# Australian crew dragged ashore ...



## trotterdotpom (Apr 29, 2005)

See www.theage.com.au › victoria › guerrilla...

John T


----------



## Mad Landsman (Dec 1, 2005)

This link works:
http://www.theage.com.au/victoria/g...f-alcoa-ship-mv-portland-20160112-gm4lcs.html

The term 'strikebreakers' springs to mind.


----------



## trotterdotpom (Apr 29, 2005)

Thanks ML - I seem to have a lot of trouble posting links on my iPad.

A couple of points of clarification:

The article indicates that there was a crew of 40 on the ship. This is wrong - when that ship came out years ago there was a crew of 25 and subsequent losses would have made a crew of 20. Presumably there were 40 crew members on two swings - they have to go home some time.

For anyone who is feeling sorry for ALCOA and their no doubt inflated shipping costs, remember that the major cost in the production of aluminium is electricity and this is subsidised to the hilt by Victorian taxpayers. 

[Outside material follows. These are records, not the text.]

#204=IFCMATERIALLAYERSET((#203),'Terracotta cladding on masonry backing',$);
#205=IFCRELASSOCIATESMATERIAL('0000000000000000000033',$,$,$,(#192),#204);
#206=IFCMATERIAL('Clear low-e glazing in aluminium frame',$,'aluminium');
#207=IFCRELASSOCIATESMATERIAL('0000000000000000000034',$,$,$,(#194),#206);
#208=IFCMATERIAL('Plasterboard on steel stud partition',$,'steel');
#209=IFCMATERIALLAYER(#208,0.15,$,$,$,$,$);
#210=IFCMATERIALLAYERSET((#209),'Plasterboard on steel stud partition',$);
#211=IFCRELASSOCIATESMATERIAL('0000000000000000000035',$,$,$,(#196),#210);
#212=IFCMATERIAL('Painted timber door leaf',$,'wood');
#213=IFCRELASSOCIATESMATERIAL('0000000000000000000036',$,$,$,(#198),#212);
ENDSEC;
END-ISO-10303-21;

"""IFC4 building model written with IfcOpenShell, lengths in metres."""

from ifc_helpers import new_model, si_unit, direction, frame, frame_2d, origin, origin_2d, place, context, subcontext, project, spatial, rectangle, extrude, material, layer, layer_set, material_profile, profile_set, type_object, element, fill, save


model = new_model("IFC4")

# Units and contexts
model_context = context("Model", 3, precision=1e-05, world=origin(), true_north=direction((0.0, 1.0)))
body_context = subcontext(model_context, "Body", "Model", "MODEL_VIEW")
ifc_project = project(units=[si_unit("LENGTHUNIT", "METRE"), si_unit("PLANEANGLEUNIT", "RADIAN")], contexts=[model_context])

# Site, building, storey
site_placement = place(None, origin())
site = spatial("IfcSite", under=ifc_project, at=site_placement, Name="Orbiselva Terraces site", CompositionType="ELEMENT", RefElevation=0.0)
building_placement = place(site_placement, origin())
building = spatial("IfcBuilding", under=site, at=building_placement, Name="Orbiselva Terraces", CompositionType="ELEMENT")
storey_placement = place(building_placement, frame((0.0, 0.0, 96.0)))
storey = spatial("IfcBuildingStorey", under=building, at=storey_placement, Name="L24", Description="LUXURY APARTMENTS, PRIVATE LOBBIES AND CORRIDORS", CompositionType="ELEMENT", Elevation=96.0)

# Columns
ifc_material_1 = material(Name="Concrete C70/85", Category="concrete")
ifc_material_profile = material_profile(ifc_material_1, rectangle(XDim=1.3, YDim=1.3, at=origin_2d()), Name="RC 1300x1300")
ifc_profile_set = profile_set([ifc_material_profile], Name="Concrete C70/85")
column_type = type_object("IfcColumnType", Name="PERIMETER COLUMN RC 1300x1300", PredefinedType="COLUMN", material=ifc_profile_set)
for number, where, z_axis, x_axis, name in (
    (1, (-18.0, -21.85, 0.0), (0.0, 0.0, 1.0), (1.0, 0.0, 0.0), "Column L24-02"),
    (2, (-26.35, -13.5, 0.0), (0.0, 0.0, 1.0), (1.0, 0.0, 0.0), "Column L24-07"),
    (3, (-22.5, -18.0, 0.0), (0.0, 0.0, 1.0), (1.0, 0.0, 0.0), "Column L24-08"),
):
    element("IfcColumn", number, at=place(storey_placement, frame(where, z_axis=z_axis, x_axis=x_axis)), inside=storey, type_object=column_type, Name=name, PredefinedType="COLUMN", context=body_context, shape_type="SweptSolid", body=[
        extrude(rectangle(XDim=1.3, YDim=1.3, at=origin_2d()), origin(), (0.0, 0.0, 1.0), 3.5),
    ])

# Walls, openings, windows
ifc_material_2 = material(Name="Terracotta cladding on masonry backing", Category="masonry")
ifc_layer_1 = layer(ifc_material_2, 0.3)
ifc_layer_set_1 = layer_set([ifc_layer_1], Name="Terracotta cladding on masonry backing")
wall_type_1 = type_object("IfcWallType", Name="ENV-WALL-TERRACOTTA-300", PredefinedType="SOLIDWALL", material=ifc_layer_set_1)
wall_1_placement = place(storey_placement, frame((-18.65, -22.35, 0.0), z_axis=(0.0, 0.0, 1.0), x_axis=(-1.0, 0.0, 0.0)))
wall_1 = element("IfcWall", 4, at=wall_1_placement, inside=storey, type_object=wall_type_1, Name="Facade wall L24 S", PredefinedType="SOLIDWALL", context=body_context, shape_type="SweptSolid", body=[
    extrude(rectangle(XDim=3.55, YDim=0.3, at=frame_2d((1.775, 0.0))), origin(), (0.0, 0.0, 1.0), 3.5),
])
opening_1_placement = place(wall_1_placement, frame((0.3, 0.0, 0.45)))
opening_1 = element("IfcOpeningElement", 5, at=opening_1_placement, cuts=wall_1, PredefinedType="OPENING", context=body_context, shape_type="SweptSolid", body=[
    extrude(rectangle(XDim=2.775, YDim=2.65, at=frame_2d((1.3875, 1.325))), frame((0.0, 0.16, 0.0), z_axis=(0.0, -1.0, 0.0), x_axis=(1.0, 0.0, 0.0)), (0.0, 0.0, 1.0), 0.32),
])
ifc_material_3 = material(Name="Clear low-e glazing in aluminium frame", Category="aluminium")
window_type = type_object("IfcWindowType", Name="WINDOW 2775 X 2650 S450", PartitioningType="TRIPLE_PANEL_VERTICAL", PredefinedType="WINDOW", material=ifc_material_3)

On the bright side, ALCOA in Portland employs around 500 people and about 25 of them are locals.

John T


----------



## Varley (Oct 1, 2006)

Is that altogether fair John. Aluminium smelters are usually built near sources of cheap wholesale electrikery (hydro, nuclear etc.). It would be a bit strange to build one near a windfarm and then demand subsidy.


----------



## trotterdotpom (Apr 29, 2005)

No cheap electricity in Portland, Vic, David. ALCOA was lured to the town by the State Government's promise of subsidised power (generated by traditional power stations). The Government wanted ALCOA for the cudos the jobs would give them - typical short term government thinking because once the plant construction was finished the jobs disappeared.

Oddly, the ship's hijacking by company thugs hasn't taken off in Australia. Probably because it happened in Sleepy Hollow, Victoria. No doubt lf it had been in Sydney it would be all over the news. If they'd pulled this stunt years ago, ports all over Australia would have been at a standstill.

The incident is reminiscent of the Globtik Venus affair in the '70s.

John T


----------